What do you think about the pool of talent that Greece is offering nowadays?

Greece overall offers a highly–educated labor force. Nevertheless, because of the crisis, there are 300,000 to 400,000 Greeks who have already left the country and are now working abroad. This brain drain phenomenon is largely driven by the crisis. All the Greeks from my generation left the country, but came back. Now, not only do people study abroad but they are not incentivized to come back. Most of the graduates from Greek universities, whether they are doctors, engineers or simply someone who wants a stable life and good prospects for employment, are going abroad. This deprives Greek companies from the best minds to run their businesses. Hopefully, once we move out of the crisis, this trend will be reversed and people will come back and establish companies here. You cannot find a specialized engineer in Greece even if you pay them well. Unemployment in Greece is around 23.5 percent. This implies that local people are not really performing to their capacity, education or potential. More than half of the employment contracts are short-term contracts. There are a lot of inefficiencies in the labor market because of the dire situation of the economy.

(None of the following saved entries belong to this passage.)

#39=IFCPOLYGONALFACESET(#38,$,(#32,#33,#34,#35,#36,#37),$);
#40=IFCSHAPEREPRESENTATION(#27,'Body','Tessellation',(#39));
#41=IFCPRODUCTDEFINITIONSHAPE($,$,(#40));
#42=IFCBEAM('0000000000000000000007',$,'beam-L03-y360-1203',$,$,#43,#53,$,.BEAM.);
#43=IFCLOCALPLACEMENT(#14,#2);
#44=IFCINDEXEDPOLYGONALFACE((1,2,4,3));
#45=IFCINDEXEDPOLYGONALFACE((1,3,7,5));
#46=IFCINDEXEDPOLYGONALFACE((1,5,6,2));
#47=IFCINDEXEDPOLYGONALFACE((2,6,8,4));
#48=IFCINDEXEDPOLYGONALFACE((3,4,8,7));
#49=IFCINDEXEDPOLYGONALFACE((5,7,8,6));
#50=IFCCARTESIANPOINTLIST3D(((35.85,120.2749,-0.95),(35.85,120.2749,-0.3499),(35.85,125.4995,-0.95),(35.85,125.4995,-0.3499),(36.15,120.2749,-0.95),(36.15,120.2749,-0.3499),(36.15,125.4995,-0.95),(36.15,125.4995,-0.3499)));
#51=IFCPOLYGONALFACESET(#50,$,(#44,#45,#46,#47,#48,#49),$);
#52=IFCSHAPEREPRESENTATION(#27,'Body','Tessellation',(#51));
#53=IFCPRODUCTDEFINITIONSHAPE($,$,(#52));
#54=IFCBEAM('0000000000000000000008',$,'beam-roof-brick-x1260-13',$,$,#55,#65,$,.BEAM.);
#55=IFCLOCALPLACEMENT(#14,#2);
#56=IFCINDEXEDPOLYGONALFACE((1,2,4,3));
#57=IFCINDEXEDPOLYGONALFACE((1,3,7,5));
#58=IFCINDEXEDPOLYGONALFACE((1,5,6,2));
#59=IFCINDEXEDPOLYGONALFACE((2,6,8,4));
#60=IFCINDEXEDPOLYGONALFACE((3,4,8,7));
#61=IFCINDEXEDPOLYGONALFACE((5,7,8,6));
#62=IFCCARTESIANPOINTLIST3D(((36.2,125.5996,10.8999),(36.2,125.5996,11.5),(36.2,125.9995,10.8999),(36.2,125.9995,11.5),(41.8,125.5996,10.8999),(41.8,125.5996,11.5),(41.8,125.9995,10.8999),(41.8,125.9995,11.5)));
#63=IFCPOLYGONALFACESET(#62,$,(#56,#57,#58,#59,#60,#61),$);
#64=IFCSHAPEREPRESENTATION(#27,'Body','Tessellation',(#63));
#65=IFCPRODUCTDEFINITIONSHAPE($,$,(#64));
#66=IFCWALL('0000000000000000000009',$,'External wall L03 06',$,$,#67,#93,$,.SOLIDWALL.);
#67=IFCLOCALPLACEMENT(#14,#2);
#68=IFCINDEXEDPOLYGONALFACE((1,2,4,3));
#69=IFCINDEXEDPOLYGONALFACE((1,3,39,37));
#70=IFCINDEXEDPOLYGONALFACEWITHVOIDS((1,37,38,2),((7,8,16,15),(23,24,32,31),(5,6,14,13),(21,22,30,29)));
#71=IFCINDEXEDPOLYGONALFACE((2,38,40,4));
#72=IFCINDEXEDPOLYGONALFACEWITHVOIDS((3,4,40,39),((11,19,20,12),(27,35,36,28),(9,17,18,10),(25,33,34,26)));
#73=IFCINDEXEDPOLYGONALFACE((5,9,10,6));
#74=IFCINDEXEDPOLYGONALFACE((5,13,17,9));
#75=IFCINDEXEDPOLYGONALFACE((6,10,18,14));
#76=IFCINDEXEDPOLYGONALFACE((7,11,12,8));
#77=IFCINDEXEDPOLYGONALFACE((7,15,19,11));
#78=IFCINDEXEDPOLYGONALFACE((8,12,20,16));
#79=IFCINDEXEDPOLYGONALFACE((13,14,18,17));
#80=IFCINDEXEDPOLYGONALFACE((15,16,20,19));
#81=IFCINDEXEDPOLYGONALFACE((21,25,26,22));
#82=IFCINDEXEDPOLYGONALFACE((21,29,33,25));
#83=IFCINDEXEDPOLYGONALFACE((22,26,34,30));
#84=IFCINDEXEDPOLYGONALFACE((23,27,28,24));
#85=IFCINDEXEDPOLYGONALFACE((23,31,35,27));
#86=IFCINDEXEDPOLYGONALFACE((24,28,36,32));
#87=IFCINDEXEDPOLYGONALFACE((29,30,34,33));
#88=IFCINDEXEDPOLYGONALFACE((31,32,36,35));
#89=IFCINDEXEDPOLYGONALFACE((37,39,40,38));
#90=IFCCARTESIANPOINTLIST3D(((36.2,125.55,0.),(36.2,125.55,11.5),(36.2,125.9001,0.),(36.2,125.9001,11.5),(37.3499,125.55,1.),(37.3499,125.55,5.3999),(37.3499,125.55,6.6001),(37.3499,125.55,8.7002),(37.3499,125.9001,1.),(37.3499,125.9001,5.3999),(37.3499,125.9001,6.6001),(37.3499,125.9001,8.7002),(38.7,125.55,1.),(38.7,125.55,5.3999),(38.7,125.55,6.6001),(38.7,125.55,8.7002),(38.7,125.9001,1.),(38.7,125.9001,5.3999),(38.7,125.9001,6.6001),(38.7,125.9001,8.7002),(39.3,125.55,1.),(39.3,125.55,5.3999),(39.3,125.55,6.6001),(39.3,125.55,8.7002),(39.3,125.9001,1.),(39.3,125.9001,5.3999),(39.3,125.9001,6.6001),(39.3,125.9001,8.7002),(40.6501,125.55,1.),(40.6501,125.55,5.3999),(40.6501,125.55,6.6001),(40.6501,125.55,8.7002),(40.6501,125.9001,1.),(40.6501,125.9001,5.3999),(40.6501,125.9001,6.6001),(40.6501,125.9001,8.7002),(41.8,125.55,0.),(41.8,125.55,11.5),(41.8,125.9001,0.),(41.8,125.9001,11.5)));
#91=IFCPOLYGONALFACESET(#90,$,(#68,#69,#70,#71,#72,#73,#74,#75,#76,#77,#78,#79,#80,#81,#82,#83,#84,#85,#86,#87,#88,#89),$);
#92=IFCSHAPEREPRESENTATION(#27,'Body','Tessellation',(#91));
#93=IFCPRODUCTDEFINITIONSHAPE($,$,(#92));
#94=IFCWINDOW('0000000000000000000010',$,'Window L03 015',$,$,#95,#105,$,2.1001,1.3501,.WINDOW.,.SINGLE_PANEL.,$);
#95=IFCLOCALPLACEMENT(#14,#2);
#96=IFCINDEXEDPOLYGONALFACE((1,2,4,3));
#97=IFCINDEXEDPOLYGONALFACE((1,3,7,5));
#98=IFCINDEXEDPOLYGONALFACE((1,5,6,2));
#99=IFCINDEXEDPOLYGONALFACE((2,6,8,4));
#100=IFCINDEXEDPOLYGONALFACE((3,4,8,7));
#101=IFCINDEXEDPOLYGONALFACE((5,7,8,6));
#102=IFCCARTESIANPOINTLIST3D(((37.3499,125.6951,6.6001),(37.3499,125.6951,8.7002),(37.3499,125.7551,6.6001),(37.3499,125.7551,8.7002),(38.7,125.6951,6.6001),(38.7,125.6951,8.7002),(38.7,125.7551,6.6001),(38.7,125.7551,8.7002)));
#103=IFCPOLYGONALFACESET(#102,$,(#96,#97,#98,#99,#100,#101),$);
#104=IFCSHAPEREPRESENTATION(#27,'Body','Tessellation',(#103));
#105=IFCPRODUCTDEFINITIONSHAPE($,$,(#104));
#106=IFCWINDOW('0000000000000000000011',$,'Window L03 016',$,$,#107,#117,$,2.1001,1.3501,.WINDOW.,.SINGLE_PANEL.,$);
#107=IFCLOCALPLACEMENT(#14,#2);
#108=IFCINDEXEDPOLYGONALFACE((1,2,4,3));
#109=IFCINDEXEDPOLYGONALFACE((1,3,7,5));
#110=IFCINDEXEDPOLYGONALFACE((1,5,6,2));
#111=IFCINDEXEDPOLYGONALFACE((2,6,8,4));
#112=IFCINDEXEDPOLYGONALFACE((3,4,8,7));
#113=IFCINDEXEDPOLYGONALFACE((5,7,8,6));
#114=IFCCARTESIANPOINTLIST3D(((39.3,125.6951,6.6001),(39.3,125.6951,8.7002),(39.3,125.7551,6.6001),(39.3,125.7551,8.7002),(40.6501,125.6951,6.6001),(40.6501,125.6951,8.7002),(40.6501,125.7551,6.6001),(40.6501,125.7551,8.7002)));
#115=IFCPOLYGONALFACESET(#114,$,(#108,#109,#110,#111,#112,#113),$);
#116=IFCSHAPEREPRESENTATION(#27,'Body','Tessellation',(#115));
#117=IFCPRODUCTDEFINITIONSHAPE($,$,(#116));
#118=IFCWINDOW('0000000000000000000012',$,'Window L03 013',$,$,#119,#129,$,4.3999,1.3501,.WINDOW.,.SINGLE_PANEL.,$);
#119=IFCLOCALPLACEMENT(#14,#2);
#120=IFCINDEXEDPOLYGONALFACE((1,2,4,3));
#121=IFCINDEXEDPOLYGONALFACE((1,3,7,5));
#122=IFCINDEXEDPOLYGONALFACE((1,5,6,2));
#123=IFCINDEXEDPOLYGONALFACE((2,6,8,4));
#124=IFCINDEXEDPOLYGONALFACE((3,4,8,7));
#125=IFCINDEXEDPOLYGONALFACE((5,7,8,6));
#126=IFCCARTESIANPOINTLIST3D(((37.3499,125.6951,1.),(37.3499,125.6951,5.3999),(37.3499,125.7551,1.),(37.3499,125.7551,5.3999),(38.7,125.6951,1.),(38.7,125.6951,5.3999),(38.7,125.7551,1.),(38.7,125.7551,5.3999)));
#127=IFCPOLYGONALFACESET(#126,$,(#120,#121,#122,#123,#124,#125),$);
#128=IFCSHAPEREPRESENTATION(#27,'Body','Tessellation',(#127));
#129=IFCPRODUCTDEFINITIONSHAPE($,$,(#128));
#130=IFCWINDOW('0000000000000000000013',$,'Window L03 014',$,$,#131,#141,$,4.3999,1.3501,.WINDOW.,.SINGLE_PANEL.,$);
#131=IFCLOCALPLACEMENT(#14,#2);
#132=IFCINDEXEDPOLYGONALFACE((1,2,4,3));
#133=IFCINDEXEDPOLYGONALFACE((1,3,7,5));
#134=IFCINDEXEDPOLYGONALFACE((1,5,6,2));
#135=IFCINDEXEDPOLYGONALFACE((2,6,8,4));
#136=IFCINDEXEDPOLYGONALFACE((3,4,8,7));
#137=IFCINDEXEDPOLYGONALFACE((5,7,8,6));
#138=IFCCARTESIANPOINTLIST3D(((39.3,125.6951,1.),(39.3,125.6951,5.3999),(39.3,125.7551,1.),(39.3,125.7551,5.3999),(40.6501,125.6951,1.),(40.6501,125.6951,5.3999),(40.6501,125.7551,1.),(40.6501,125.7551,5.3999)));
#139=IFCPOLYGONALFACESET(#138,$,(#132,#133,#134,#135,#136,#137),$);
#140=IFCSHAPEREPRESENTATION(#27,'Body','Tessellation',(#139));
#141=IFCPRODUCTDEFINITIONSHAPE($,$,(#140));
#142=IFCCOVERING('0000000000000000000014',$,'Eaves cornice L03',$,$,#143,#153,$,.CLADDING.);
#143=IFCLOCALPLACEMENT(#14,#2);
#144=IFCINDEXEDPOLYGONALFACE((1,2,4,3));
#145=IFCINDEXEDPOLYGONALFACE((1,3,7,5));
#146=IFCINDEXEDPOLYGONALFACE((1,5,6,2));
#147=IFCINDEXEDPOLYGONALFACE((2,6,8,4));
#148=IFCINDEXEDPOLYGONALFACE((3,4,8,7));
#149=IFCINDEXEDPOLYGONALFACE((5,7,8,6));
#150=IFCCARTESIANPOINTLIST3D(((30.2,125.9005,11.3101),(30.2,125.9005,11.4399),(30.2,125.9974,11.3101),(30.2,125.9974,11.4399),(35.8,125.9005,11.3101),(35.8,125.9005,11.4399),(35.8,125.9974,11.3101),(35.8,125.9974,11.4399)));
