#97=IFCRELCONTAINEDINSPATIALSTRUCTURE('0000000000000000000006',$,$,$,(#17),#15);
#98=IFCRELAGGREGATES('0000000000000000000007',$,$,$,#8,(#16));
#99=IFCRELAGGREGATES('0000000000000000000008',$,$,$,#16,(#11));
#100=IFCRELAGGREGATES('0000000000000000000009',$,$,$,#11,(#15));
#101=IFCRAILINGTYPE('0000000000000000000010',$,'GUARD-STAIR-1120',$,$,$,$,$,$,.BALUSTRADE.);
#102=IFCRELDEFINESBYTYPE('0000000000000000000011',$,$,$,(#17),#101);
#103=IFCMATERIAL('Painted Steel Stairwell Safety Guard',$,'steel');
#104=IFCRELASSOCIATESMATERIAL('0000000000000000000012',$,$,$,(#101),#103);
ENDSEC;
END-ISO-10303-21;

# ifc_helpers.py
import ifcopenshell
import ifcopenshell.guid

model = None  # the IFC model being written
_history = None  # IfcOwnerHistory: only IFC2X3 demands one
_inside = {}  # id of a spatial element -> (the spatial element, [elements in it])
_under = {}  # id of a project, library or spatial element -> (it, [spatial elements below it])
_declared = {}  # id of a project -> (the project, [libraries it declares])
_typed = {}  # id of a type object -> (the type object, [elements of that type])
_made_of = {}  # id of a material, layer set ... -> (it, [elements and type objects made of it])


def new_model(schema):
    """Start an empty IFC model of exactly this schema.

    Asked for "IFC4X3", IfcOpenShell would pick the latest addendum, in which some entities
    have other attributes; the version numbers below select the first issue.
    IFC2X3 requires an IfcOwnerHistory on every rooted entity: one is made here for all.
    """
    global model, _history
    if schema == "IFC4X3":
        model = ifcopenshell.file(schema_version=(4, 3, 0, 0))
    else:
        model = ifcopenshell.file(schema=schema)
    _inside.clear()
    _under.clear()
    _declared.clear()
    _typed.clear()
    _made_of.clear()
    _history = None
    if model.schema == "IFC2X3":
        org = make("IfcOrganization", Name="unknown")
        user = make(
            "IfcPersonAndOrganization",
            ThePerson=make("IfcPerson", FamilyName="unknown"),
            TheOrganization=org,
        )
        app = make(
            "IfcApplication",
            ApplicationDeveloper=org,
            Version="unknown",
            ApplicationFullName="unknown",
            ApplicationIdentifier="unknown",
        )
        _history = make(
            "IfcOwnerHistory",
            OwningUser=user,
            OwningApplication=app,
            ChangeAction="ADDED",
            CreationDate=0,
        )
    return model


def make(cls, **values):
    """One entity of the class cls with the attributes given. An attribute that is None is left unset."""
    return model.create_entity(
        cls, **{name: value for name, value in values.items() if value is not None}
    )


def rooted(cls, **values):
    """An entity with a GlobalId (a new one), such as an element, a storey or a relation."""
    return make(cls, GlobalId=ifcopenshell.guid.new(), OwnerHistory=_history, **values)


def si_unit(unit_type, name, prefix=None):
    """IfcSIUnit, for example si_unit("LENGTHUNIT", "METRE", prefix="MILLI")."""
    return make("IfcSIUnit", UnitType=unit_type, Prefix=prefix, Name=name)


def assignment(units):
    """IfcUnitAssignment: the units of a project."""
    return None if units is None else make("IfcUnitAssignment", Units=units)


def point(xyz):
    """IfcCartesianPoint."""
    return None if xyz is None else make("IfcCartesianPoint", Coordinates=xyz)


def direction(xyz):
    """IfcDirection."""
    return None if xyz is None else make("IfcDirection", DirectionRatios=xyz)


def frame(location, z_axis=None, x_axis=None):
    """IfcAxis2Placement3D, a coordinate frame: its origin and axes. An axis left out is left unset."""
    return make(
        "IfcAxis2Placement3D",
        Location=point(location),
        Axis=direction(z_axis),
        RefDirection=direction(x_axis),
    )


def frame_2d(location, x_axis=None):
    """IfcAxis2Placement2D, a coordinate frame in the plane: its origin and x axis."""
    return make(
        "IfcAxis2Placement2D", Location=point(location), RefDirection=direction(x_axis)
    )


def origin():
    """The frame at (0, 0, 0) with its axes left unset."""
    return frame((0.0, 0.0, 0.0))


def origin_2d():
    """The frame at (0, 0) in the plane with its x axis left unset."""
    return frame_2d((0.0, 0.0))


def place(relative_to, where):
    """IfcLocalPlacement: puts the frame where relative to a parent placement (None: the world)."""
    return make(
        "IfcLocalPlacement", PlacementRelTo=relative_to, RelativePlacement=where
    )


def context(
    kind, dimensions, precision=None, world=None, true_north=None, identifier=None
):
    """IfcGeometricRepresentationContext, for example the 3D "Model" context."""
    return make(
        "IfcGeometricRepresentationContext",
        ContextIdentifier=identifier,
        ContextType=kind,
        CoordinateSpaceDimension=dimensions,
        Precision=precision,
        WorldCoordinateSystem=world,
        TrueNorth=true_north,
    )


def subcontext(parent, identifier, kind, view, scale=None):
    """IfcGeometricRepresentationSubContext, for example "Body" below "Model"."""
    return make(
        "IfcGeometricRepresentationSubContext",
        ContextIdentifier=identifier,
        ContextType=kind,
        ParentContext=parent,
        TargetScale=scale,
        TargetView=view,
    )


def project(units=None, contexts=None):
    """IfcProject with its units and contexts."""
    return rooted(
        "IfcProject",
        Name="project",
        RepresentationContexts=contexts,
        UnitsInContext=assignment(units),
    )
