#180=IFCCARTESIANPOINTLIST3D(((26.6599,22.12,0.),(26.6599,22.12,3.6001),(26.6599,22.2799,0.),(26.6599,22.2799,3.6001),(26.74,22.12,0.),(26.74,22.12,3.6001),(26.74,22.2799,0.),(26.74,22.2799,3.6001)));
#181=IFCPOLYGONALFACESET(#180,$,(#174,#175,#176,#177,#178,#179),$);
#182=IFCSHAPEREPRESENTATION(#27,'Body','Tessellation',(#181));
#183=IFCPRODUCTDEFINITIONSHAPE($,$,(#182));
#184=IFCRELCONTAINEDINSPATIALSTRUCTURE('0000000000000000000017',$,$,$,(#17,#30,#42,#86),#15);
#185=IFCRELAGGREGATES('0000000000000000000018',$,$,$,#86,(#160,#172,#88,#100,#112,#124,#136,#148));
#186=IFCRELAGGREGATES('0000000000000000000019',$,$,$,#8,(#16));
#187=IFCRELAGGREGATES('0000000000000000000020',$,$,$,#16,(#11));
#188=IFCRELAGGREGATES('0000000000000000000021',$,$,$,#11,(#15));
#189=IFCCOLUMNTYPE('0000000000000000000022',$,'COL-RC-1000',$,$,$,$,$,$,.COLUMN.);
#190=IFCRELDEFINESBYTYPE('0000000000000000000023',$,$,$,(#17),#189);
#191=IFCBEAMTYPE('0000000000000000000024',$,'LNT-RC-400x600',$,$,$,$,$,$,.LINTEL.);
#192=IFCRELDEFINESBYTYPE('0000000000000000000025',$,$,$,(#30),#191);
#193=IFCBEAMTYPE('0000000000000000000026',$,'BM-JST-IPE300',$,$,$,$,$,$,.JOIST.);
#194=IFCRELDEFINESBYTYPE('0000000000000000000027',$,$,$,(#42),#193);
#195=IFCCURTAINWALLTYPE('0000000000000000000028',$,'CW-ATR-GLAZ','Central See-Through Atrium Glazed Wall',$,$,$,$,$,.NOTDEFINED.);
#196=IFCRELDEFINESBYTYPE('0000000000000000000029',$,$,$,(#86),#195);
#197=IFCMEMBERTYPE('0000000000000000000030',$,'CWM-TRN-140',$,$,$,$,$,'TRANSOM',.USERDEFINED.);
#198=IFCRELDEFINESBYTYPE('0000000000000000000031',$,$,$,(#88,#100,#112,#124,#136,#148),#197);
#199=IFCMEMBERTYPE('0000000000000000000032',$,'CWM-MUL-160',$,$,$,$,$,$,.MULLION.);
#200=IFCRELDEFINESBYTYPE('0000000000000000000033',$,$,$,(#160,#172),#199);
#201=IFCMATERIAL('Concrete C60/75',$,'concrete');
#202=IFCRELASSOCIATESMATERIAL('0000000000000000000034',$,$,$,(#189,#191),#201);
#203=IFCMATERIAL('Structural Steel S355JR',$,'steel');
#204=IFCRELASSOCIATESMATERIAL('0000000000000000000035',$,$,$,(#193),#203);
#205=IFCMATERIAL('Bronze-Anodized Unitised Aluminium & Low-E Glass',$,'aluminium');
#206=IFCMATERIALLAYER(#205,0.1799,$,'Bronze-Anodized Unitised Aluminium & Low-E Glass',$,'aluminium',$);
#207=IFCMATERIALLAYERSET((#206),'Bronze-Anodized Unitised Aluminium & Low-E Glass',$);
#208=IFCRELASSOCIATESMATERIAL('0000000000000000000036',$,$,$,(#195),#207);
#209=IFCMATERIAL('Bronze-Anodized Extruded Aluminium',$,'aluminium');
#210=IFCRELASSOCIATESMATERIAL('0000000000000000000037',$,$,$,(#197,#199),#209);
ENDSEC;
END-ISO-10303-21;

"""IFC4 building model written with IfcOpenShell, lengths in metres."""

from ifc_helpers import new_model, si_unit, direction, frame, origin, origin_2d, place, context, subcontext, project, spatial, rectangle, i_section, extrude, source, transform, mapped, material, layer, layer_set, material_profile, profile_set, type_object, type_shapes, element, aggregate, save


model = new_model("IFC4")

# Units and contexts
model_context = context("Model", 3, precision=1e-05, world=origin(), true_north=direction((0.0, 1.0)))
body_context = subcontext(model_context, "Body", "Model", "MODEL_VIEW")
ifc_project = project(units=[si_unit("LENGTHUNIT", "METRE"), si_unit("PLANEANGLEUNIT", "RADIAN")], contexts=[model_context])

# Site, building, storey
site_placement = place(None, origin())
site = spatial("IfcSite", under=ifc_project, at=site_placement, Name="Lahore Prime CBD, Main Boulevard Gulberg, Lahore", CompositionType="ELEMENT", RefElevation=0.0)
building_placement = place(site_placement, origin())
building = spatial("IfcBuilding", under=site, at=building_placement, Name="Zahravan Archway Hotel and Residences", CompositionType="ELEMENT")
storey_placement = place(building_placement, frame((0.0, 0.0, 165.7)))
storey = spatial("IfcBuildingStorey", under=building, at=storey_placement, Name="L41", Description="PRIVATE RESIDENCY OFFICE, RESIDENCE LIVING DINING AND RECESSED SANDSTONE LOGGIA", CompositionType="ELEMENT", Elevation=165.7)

In today’s economic reality, the only thing certain in Greece is uncertainty. How would you advise going about setting economic measures in the short-, medium-, and long-term, given the uncertain parameters?

We want adjustment to continue, but we would like to move at a greater speed because delays on program and reform implementation are commonplace. However, I think that the country overall is going in the right direction. The economic policies being pursued are right for the country at this stage and Greece is indeed on the road to a healthy recovery.